Maybe this is too much to ask but could you check my code and help me figure out what is wrong?
import openmc
%matplotlib inline
mat = openmc.Material()
mat.add_element('Ge',1.0)
mat.set_density('g/cm3',5.3)
mat2 = openmc.Material()
mat2.add_element('Al',1.0)
mat2.set_density('g/cm3',2.698)
mat3 = openmc.Material()
mat3.add_element('Be',1.0)
mat3.set_density('g/cm3',1.848)
materials = openmc.Materials([mat,mat2,mat3])
materials.cross_sections = "/Users/user196949/Documents/antonio/mcnp_endfb71/cross_sections.xml"
materials.export_to_xml()
cil1 = openmc.ZCylinder(r = 2.52)
cil2 = openmc.ZCylinder(r = 3)
cil3 = openmc.ZCylinder(r = 3.81,boundary_type = 'vacuum')
plano1 = openmc.ZPlane(z0 = +3,boundary_type = 'transmission')
plano2 = openmc.ZPlane(z0 = +5.52,boundary_type = 'transmission')
plano3 = openmc.ZPlane(z0 = 0,boundary_type = 'vacuum')
plano4 = openmc.ZPlane(z0 = +6.02,boundary_type = 'transmission')
plano5 = openmc.ZPlane(z0 = +6.07,boundary_type = 'vacuum')
#left = openmc.XPlane(x0 = -4, boundary_type = 'vacuum')
#right = openmc.XPlane(x0 = +4, boundary_type = 'vacuum')
#bot = openmc.YPlane(y0 = -1, boundary_type = 'vacuum')
#top = openmc.YPlane(y0 = +7, boundary_type = 'vacuum')
#box = openmc.rectngular_prism(width = 15,height = 15, boundary_type = 'vacuum')
univ = openmc.Sphere(r = 7, boundary_type = 'vacuum')

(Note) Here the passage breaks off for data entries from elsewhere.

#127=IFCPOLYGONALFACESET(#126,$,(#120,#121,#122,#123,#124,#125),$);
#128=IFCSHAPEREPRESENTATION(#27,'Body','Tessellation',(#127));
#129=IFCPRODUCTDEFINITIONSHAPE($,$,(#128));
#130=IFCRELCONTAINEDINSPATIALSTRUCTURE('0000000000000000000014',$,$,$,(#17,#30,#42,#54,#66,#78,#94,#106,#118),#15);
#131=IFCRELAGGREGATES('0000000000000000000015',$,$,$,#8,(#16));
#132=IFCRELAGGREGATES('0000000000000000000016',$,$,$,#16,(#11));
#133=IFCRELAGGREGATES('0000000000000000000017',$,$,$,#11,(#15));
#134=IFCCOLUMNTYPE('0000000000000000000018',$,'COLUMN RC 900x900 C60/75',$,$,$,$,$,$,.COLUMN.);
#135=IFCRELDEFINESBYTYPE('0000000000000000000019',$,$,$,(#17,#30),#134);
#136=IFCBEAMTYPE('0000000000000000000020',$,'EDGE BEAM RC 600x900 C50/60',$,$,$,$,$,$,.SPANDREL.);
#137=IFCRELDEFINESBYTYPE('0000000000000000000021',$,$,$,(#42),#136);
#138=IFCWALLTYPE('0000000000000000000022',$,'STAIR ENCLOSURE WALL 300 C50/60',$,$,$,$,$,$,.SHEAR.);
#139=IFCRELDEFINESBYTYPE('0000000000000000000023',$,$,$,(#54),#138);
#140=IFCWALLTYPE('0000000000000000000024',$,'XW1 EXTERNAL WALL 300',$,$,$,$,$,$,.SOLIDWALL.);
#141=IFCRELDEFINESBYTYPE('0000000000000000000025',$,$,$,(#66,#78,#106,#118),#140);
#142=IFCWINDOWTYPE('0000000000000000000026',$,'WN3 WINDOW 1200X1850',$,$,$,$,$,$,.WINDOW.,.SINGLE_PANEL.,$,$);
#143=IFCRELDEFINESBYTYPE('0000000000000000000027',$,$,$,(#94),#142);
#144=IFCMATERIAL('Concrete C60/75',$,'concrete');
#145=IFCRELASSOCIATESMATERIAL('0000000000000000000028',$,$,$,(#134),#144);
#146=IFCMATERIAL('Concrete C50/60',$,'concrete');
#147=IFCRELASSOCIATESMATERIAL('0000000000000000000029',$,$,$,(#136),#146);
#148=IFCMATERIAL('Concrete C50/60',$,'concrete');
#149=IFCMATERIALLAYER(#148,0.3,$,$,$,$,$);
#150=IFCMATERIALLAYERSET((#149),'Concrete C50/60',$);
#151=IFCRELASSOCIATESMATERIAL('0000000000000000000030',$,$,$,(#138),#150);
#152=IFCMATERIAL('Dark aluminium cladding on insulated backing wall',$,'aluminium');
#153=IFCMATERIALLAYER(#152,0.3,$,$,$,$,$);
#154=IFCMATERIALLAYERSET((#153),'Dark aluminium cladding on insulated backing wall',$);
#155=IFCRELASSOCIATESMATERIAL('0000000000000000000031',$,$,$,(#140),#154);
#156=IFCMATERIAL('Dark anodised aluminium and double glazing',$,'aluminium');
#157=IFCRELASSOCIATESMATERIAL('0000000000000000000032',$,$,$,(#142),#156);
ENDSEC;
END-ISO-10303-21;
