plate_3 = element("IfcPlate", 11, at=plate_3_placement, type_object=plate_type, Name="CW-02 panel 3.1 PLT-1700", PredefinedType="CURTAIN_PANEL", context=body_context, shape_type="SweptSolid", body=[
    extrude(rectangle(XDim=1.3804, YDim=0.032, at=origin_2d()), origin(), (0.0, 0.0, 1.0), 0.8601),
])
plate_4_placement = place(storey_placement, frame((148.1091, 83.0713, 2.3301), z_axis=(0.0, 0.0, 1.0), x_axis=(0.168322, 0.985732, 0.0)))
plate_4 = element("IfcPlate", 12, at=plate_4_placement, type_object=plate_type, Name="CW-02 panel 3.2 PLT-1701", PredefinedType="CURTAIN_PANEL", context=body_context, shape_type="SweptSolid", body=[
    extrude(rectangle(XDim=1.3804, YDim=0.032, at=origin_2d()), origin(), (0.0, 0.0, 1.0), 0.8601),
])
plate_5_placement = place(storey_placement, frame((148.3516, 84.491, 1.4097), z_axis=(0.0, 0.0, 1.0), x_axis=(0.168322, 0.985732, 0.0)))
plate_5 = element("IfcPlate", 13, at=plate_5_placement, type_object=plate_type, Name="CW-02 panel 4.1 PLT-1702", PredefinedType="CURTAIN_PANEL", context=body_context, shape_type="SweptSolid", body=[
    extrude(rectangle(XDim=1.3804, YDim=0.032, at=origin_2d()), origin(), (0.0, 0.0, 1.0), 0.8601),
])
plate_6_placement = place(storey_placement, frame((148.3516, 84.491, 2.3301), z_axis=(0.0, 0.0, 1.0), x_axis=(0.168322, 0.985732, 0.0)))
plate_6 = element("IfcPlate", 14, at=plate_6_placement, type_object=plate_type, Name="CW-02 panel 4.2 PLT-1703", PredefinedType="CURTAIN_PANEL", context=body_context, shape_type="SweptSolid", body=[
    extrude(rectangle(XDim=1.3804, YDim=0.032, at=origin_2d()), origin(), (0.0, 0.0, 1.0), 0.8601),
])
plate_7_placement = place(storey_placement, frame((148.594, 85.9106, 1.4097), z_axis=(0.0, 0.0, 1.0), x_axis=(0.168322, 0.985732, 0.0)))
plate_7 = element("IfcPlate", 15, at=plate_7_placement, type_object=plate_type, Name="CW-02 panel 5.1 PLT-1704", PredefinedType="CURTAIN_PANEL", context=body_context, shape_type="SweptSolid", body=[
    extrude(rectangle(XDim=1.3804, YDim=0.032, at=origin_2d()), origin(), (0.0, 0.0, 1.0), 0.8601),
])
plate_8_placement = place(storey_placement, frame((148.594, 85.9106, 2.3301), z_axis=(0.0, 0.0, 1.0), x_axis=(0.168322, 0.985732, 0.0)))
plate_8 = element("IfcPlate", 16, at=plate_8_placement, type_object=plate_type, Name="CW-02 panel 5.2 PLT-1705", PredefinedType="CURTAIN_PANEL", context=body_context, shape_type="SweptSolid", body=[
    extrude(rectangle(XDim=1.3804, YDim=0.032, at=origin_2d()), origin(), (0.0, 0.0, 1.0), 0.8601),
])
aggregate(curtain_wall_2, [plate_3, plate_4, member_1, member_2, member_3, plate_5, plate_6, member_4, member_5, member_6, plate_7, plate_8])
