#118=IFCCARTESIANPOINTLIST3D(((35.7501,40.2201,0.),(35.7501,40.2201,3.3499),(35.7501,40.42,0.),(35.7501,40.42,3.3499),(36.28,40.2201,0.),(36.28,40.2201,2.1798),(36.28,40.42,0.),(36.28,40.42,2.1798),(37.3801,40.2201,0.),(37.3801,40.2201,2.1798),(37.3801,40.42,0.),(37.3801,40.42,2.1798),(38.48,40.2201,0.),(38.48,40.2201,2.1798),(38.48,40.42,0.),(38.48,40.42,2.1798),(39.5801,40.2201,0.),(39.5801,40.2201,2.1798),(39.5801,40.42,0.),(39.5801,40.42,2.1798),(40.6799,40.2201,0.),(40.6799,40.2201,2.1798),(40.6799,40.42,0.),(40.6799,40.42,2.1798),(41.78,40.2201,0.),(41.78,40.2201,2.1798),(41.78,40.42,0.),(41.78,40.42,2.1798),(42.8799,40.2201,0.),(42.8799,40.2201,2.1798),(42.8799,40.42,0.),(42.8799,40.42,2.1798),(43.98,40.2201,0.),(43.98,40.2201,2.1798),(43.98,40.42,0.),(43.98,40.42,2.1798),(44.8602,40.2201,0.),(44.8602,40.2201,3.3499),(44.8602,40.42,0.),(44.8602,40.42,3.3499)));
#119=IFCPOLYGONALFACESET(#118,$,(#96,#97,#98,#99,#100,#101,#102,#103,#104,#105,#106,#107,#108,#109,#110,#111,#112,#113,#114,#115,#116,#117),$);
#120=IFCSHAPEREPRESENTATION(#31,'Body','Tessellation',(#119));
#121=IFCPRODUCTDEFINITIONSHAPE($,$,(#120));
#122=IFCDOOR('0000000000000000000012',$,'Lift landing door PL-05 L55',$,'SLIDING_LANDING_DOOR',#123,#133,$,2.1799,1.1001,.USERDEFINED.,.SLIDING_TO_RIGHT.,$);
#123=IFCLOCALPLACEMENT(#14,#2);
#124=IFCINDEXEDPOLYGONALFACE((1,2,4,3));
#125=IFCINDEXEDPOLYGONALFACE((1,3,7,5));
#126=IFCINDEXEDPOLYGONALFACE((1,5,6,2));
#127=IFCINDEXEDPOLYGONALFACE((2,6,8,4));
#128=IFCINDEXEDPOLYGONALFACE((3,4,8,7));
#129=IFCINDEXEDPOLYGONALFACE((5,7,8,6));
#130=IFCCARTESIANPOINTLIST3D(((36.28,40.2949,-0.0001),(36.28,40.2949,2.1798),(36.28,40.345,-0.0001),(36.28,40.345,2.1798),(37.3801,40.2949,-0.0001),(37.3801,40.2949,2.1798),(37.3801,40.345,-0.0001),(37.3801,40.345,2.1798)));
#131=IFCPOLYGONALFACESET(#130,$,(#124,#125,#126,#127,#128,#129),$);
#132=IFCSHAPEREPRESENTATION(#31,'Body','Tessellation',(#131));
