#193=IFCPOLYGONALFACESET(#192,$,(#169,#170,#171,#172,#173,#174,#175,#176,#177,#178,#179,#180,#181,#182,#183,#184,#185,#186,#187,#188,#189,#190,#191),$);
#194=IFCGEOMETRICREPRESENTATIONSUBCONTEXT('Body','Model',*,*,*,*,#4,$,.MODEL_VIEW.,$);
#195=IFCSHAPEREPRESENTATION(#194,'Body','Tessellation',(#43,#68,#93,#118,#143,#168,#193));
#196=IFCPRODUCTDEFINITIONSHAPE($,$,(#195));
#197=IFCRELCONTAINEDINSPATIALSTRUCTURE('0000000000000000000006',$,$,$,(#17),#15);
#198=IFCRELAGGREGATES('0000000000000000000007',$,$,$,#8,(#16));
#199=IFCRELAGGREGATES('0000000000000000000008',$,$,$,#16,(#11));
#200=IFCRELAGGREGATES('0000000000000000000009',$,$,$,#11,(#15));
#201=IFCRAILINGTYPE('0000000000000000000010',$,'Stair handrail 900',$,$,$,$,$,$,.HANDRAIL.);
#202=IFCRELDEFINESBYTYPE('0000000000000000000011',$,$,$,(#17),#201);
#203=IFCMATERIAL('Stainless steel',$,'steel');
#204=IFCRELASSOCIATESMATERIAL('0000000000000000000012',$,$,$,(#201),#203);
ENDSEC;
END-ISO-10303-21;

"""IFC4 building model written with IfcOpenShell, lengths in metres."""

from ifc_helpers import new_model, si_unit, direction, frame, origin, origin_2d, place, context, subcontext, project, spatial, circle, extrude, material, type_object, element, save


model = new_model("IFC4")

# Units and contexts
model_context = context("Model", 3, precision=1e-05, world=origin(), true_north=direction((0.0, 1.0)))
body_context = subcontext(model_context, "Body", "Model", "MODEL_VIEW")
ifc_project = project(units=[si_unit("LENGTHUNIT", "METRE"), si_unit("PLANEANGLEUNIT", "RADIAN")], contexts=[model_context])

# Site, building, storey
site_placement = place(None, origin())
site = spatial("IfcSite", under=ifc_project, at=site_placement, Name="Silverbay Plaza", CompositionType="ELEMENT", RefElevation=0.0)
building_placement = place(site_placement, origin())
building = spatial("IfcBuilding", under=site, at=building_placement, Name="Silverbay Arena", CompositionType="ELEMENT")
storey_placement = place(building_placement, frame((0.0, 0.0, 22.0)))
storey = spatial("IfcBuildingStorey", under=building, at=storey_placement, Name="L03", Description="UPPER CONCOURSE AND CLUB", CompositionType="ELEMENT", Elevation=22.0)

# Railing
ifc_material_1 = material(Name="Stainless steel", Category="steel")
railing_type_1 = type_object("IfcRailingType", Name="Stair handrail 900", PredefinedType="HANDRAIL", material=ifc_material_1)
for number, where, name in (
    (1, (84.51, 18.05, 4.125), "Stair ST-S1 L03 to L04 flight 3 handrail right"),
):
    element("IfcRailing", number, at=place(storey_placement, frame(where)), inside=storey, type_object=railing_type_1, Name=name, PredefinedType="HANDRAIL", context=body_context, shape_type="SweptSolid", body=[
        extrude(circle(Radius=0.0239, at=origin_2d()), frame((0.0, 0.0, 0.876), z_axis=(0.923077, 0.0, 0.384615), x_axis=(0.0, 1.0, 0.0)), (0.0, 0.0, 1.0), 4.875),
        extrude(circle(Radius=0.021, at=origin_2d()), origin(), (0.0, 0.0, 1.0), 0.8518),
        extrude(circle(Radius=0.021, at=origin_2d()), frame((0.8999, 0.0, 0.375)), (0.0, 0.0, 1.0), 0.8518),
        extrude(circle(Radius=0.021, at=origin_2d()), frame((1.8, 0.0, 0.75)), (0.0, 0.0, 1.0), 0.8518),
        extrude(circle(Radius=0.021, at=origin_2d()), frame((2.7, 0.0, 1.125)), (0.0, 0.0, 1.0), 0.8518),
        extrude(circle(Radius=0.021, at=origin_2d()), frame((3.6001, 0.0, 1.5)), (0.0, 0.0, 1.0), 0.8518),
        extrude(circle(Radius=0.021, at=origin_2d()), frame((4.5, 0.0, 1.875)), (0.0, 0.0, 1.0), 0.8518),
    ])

ge_detector = -cil1 & +plano1 & -plano2
espacio_vacio = +cil1 & -plano1 & +plano2 & -cil2 & -plano4 & +plano3
capa_aluminio = +cil2 & -cil3 & -plano4 & +plano3
pantalla = +plano4 & -cil3 & -plano5
#box = +left & -right & +bot & -top & +cil3 & +plano5 & -plano3
#box1 = box
univ1 = -univ & +cil3 & +plano5 & -plano3
cell_box = openmc.Cell()
cell_box.region = univ1
cell_detector = openmc.Cell()
cell_detector.region = ge_detector
cell_detector.fill = mat
cell_vacio = openmc.Cell()
cell_vacio.region = espacio_vacio
cell_al = openmc.Cell()
cell_al.region = capa_aluminio
cell_al.fill = mat2
cell_pantalla = openmc.Cell()
cell_pantalla.region = pantalla
cell_pantalla.fill = mat3
universe = openmc.Universe(cells = [cell_box,cell_detector,cell_vacio,cell_al,cell_pantalla])
universe.plot(width = (15.0,15.0),basis='xz',colors = {cell_box: 'fuchsia'})
geometry = openmc.Geometry(universe)
geometry.export_to_xml()
source = openmc.Source()
source.particle = 'photon'
source.space = openmc.stats.Point((0,0,6.05))
source.angle = openmc.stats.Isotropic()
source.energy = openmc.stats.Discrete([1000e3],[1.0])
settings = openmc.Settings()
settings.run_mode = 'fixed source'
settings.source = source
settings.batches = 100
settings.inactive = 5
settings.particles = 1000
settings.export_to_xml()
tally_flujo = openmc.Tally(name = "espectro")
tally_flujo.scores = ['flux']
filtro_celda = openmc.filter.CellFilter(cell_detector.id)
tally_flujo.filters = [filtro_celda]
tallies = openmc.Tallies([tally_flujo])
tallies.export_to_xml()
The source is supposed to be on top of the screen cell (cell_pantalla) but I put it in the middle to avoid getting the first error I mentioned in this post.